We thank the authors and contributors of these projects for their valuable contributions to the open source community!

## 🌟 Citation
If you find FlexAM useful for your research, please cite our paper:
```
@misc{sheng2026FlexAM,
  title={FlexAM: Flexible Appearance-Motion Decomposition for Versatile Video Generation Control},
  author={Sheng, Mingzhi and Gu, Zekai and Li, Peng and Lin, Cheng and Guo, Hao-Xiang and Chen, Ying-Cong and Liu, Yuan},
  year={2026},
  eprint={2602.13185},
  archivePrefix={arXiv},
  primaryClass={cs.CV},
  url={https://arxiv.org/abs/2602.13185},
}
```
## ⚖️ License

This model checkpoint is based on **FlexAM**.

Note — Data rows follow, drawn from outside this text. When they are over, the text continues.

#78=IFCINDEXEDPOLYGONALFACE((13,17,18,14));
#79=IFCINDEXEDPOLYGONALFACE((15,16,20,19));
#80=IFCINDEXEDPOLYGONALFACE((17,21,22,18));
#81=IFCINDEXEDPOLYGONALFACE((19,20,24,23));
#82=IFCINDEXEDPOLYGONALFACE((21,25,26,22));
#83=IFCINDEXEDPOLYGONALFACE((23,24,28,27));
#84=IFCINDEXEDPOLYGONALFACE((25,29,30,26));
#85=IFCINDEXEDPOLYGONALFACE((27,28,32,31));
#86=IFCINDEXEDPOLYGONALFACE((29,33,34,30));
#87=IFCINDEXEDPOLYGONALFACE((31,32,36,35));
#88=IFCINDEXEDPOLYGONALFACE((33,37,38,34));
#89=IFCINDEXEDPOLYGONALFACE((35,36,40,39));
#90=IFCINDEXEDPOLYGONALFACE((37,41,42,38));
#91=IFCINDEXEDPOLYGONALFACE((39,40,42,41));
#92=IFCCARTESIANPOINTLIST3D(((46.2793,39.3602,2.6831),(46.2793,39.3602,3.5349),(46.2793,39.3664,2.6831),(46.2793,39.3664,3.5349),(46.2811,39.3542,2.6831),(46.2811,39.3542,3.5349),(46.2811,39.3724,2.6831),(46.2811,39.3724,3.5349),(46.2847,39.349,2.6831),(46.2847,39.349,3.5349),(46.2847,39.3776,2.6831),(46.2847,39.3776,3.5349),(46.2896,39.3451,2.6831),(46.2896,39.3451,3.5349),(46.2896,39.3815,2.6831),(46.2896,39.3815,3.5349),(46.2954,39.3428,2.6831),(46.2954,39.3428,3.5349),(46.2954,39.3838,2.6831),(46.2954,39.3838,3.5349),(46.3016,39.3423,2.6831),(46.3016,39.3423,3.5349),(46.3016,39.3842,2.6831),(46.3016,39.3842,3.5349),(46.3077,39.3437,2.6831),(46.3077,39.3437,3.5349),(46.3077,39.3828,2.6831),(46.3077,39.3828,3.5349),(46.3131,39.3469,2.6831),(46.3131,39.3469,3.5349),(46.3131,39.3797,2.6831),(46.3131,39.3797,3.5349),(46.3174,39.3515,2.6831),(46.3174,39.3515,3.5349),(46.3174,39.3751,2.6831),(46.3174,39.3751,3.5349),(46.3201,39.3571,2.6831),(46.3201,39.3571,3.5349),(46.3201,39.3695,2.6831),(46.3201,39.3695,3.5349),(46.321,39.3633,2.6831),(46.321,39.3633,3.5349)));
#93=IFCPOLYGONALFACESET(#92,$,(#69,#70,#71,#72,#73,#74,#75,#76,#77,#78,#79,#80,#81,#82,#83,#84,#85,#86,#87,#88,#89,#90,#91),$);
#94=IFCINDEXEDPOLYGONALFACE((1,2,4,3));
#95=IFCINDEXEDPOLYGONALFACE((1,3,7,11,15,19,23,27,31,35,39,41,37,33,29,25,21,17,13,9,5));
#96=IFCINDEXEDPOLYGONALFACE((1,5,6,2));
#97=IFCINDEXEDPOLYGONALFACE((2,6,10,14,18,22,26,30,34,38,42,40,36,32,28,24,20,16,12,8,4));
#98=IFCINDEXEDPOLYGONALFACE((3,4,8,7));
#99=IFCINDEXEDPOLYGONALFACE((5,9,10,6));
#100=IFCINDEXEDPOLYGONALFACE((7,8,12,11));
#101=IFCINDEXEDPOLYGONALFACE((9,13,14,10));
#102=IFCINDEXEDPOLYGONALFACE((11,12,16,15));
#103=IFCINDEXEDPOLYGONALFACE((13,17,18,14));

- **Model Architecture / Code**: Licensed under **Apache 2.0** (or CC-BY-SA 4.0, consistent with your GitHub).
- **Embedded DELTA Weights**: This checkpoint contains weights from **DELTA (Snap Inc.)**, which are restricted to **Non-Commercial, Research-Only** use.

**⚠️ Usage Note:**
By downloading or using these weights, you agree to comply with the **Snap Inc. License** regarding the DELTA modules. Please refer to the [LICENSE](./LICENSE) file in this repository for the full text.